Agile Therapeutics Inc said the U.S. Food and Drug Administration declined to approve its contraceptive patch for the second time, sending the drug developer’s shares down about 50 percent.

The health regulator cited deficiencies related to its quality adhesion test methods and asked the company to resolve the observations found during an inspection of its third-party manufacturing facility, Corium International Inc.

Agile’s lead product, Twirla, is a once-weekly, low-dose contraceptive patch made from a combination of ethinyl estradiol and levonorgestrel.
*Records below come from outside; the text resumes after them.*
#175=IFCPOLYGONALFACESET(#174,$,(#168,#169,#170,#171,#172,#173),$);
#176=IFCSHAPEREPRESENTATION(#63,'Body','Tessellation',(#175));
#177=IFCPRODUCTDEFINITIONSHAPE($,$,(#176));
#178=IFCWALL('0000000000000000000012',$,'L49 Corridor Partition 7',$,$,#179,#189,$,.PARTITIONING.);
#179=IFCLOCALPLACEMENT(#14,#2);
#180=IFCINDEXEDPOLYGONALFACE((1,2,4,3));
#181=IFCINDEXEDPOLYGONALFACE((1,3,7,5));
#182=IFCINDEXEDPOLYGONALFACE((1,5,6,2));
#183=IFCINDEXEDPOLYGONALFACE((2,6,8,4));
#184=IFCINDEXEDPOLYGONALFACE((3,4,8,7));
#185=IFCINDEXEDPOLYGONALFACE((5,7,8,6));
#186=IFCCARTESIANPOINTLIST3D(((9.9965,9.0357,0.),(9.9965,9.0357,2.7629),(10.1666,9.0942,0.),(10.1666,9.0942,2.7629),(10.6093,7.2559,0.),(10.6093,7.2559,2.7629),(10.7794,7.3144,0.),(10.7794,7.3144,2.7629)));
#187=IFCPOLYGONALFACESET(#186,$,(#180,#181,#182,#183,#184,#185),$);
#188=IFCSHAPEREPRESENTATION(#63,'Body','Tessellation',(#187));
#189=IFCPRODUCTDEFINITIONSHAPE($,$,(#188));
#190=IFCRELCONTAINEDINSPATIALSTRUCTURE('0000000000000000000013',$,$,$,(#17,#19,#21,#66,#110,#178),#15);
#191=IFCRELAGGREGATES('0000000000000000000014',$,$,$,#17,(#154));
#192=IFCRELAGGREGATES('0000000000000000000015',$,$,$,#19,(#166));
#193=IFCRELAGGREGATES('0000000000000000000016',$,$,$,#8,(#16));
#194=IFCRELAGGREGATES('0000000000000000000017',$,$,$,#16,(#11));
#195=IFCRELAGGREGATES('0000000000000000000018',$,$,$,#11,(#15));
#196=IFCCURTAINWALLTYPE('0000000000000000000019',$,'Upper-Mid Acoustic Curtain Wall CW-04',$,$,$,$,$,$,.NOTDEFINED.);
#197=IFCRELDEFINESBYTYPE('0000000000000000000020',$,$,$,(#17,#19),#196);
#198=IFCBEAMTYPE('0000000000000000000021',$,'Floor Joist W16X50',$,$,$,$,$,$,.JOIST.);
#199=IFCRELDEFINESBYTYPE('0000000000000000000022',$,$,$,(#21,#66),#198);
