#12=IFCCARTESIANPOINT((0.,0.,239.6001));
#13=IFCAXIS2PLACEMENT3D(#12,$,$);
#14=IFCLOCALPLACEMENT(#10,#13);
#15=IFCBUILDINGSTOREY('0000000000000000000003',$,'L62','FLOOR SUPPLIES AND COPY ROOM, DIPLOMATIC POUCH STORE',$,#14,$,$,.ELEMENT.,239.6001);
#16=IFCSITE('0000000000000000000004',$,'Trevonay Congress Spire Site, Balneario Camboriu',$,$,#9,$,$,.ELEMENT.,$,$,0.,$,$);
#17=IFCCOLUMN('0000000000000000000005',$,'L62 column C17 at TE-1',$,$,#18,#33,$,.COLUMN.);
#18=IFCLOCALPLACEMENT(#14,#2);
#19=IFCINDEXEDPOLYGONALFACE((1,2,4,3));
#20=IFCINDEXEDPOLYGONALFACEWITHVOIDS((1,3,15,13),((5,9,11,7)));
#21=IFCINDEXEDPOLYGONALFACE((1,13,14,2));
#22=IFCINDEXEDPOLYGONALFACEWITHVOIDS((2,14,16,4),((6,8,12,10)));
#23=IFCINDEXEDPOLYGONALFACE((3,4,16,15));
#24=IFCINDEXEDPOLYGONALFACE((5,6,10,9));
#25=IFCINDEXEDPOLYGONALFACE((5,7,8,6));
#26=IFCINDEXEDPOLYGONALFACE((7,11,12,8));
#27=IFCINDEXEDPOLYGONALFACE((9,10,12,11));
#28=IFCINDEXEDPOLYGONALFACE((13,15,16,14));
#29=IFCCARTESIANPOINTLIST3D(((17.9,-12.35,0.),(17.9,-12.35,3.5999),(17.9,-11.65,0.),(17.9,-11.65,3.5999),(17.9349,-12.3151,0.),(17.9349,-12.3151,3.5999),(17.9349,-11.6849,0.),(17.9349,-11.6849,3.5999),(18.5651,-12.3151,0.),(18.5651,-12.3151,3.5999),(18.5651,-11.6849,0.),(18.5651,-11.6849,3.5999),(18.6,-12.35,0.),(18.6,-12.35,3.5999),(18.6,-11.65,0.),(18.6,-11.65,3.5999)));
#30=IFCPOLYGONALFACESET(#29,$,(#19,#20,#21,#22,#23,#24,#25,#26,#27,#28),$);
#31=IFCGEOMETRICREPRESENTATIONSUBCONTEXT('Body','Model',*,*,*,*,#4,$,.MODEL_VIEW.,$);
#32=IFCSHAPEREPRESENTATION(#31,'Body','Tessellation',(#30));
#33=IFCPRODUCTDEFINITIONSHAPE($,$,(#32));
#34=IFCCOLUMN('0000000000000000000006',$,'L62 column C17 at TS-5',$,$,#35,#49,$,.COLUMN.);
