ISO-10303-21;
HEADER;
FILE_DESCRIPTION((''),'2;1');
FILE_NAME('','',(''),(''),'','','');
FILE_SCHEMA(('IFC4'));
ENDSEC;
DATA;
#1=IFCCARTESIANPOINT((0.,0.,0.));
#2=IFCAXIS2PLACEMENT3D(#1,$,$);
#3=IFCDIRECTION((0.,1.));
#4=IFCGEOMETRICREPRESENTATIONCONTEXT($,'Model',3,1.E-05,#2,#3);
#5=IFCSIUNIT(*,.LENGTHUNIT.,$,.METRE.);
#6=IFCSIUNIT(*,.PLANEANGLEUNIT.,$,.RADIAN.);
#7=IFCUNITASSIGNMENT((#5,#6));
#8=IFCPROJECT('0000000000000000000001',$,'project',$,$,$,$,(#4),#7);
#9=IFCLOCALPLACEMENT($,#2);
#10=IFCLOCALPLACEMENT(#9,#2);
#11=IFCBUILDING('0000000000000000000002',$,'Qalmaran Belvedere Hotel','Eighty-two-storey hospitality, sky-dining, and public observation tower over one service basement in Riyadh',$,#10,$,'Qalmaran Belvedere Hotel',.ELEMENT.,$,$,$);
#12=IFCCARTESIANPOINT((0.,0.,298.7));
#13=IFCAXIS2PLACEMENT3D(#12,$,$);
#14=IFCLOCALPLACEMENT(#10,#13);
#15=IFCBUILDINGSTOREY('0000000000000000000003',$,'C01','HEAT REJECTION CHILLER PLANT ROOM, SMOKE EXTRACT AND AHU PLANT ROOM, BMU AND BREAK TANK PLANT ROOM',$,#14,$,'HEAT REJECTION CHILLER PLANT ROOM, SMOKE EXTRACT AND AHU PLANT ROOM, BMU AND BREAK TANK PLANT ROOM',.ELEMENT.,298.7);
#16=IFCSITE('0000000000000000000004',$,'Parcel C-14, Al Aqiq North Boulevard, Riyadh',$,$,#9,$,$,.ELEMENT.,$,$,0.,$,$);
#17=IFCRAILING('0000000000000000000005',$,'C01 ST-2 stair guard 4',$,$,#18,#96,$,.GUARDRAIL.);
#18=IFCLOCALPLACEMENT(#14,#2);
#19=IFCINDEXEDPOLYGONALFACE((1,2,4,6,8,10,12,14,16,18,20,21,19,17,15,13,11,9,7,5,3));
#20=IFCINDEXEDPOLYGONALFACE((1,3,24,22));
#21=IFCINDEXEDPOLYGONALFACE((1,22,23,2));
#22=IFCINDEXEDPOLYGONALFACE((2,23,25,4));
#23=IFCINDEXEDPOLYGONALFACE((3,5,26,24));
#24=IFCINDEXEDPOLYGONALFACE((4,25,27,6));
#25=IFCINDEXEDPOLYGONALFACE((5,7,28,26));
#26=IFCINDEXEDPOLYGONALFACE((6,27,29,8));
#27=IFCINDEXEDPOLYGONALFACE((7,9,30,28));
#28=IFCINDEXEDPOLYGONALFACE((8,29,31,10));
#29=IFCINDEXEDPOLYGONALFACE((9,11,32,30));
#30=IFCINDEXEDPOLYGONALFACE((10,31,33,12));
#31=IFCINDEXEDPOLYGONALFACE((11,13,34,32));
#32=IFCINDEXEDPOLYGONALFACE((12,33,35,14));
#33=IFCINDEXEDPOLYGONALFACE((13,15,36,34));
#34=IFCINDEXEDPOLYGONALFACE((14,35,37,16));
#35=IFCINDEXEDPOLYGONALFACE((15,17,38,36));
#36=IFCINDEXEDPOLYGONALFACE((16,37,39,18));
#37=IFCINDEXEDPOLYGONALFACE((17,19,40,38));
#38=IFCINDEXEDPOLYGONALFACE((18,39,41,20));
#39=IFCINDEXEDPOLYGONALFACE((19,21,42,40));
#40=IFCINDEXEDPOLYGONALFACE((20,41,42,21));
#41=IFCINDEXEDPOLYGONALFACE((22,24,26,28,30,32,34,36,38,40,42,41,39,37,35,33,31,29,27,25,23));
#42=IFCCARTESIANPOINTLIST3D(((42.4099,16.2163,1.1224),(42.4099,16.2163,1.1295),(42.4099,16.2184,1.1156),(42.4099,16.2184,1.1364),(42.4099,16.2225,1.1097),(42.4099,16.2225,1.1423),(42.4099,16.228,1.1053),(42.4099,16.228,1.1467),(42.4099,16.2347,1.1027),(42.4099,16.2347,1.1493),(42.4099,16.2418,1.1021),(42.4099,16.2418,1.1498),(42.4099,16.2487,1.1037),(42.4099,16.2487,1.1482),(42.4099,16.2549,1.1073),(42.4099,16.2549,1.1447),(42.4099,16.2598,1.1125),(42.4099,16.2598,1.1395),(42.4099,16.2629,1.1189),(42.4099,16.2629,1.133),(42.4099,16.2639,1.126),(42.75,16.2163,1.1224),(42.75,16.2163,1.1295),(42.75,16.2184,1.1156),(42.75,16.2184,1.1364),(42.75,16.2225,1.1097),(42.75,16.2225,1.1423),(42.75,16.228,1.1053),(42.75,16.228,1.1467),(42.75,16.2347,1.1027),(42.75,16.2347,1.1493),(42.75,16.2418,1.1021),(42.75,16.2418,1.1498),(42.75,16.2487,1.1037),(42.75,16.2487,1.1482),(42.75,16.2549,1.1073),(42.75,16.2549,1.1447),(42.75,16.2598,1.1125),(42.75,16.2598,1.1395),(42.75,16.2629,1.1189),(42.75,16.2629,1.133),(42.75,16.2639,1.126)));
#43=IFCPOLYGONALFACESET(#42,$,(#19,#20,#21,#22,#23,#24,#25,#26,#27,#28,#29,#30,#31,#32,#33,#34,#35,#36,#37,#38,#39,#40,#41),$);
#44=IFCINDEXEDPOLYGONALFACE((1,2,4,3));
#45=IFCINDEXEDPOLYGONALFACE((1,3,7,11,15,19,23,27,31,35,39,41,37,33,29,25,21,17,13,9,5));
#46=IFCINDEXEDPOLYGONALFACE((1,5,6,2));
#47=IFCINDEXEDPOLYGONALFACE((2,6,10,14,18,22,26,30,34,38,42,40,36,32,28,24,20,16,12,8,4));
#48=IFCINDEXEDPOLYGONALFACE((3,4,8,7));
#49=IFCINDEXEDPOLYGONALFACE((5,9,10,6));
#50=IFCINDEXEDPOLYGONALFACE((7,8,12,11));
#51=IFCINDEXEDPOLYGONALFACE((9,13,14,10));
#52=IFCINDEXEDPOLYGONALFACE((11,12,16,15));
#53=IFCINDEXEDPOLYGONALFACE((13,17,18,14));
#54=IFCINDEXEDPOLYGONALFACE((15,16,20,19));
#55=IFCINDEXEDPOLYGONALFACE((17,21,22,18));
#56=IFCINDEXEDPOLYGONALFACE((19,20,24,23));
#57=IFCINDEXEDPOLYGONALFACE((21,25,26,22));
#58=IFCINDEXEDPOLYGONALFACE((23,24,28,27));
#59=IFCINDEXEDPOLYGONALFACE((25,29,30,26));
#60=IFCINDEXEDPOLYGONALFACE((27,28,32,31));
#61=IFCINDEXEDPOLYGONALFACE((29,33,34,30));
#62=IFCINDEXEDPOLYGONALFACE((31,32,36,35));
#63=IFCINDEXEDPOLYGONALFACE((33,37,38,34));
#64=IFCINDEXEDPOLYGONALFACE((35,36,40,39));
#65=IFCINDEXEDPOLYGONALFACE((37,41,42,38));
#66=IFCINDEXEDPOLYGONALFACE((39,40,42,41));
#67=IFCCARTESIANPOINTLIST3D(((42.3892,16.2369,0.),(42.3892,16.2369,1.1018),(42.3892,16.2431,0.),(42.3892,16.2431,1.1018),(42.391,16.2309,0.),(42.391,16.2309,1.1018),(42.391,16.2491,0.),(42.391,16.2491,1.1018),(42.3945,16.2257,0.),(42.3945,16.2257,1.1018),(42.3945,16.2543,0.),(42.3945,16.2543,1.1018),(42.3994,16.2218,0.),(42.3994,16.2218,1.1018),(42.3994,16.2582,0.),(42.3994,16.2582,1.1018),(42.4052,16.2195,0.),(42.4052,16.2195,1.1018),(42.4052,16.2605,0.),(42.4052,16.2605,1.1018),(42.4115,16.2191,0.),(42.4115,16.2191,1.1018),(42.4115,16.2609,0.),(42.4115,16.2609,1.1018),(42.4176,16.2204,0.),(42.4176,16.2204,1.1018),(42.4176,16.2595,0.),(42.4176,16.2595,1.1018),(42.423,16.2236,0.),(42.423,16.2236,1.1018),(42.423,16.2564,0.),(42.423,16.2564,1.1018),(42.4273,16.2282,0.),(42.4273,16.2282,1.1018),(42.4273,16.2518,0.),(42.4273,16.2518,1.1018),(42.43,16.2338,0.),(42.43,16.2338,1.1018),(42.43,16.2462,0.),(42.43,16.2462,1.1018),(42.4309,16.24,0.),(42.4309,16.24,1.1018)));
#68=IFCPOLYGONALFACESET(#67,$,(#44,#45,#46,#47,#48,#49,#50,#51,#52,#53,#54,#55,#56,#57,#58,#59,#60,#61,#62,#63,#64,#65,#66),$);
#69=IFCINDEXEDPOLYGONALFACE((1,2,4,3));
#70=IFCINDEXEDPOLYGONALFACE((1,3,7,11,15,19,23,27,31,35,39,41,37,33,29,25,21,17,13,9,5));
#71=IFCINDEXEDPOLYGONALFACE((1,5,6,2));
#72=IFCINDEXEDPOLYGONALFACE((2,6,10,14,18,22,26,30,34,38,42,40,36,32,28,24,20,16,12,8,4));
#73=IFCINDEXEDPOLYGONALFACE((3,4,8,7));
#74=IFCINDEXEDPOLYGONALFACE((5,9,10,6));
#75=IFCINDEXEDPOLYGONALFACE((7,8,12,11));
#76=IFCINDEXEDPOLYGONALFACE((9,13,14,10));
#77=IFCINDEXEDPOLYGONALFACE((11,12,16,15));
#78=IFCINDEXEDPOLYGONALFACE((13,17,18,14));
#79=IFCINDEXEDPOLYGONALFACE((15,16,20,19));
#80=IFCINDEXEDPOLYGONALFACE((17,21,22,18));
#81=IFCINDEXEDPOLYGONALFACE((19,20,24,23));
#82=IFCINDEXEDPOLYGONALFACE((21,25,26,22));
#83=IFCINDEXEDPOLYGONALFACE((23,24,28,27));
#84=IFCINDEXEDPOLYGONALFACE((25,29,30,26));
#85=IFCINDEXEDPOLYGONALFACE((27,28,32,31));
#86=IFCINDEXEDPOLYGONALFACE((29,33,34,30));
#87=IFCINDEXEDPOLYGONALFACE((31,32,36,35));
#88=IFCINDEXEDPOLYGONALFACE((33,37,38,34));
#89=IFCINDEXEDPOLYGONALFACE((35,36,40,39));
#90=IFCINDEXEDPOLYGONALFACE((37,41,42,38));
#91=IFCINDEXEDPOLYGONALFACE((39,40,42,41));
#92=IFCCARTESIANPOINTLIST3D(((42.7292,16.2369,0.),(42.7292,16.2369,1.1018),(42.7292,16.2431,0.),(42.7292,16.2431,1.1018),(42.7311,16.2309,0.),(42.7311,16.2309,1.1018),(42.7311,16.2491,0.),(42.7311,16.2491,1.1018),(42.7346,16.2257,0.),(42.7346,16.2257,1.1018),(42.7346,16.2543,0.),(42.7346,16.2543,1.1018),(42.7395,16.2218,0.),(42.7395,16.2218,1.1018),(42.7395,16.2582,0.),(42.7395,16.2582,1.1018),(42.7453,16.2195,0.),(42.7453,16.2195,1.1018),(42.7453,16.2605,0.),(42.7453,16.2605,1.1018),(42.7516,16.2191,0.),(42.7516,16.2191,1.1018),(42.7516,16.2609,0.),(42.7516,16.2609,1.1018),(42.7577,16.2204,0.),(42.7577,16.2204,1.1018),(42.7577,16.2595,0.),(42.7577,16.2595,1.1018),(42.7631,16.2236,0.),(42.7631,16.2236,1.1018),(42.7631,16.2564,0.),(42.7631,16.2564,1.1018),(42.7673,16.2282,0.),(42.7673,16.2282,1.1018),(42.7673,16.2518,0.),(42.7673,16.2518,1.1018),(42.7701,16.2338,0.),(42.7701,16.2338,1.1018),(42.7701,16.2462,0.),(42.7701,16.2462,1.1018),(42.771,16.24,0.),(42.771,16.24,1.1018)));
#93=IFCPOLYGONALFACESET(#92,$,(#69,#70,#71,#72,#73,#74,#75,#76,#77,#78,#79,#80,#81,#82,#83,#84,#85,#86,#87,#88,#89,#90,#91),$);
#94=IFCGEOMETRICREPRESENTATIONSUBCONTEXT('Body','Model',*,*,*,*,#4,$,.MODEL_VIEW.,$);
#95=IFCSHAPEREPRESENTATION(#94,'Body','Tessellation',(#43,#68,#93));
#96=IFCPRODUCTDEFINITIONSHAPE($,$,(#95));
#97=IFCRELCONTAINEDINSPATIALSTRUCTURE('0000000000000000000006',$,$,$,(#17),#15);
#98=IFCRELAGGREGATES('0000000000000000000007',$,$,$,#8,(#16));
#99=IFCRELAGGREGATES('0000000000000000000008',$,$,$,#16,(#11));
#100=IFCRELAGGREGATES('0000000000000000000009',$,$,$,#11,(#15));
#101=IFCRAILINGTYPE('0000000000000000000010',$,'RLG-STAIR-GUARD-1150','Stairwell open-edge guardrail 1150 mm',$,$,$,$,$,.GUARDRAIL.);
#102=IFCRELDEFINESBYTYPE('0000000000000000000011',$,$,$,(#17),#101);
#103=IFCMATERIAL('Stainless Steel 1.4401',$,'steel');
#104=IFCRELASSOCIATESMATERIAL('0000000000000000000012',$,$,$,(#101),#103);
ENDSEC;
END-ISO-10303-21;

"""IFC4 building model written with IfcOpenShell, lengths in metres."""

from ifc_helpers import new_model, si_unit, direction, frame, origin, origin_2d, place, context, subcontext, project, spatial, circle, extrude, material, type_object, element, save


model = new_model("IFC4")

# Units and contexts
model_context = context("Model", 3, precision=1e-05, world=origin(), true_north=direction((0.0, 1.0)))
body_context = subcontext(model_context, "Body", "Model", "MODEL_VIEW")
ifc_project = project(units=[si_unit("LENGTHUNIT", "METRE"), si_unit("PLANEANGLEUNIT", "RADIAN")], contexts=[model_context])

# Site, building, storey
site_placement = place(None, origin())
site = spatial("IfcSite", under=ifc_project, at=site_placement, Name="Parcel C-14, Al Aqiq North Boulevard, Riyadh", CompositionType="ELEMENT", RefElevation=0.0)
building_placement = place(site_placement, origin())
building = spatial("IfcBuilding", under=site, at=building_placement, Name="Qalmaran Belvedere Hotel", Description="Eighty-two-storey hospitality, sky-dining, and public observation tower over one service basement in Riyadh", LongName="Qalmaran Belvedere Hotel", CompositionType="ELEMENT")
storey_placement = place(building_placement, frame((0.0, 0.0, 298.7)))
storey = spatial("IfcBuildingStorey", under=building, at=storey_placement, Name="C01", Description="HEAT REJECTION CHILLER PLANT ROOM, SMOKE EXTRACT AND AHU PLANT ROOM, BMU AND BREAK TANK PLANT ROOM", LongName="HEAT REJECTION CHILLER PLANT ROOM, SMOKE EXTRACT AND AHU PLANT ROOM, BMU AND BREAK TANK PLANT ROOM", CompositionType="ELEMENT", Elevation=298.7)

# Railing
ifc_material_1 = material(Name="Stainless Steel 1.4401", Category="steel")
railing_type_1 = type_object("IfcRailingType", Name="RLG-STAIR-GUARD-1150", Description="Stairwell open-edge guardrail 1150 mm", PredefinedType="GUARDRAIL", material=ifc_material_1)
railing_1_placement = place(storey_placement, frame((42.4099, 16.24, 0.0)))
element("IfcRailing", 1, at=railing_1_placement, inside=storey, type_object=railing_type_1, Name="C01 ST-2 stair guard 4", PredefinedType="GUARDRAIL", context=body_context, shape_type="SweptSolid", body=[
    extrude(circle(Radius=0.0239, at=origin_2d()), frame((0.0, 0.0, 1.126), z_axis=(1.0, 0.0, 0.0), x_axis=(0.0, 1.0, 0.0)), (0.0, 0.0, 1.0), 0.3401),
    extrude(circle(Radius=0.021, at=origin_2d()), origin(), (0.0, 0.0, 1.0), 1.1018),
    extrude(circle(Radius=0.021, at=origin_2d()), frame((0.3401, 0.0, 0.0)), (0.0, 0.0, 1.0), 1.1018),
])

save(model, "model.ifc")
In 2013, the FDA rejected Twirla, citing efficacy issues and sought additional clinical data. After that, Agile completed a late-stage trial in 2,032 women and once again applied for approval in June.

Expressing surprise over the decision, Agile said the drug regulator has not identified any safety issue related to the product and it intends to seek a meeting with the regulator soon.

The company also pointed out that an amendment addressing the regulator’s concerns about the manufacturing facility and issues related to quality adhesion test methods was not reviewed before the FDA decided to reject the drug.

The amendment was submitted on Dec 1, Chief Executive Al Altomari said on a conference call, adding that he is surprised the FDA didn’t review it.

If approved, Agile’s Twirla would have competed with Mylan NV’s Xulane, a generic version of a Johnson & Johnson’s Ortho Evra product that was withdrawn in 2015.

Xulane generated sales of $211 million last year, a fraction of the $5.5 billion U.S. contraceptive market.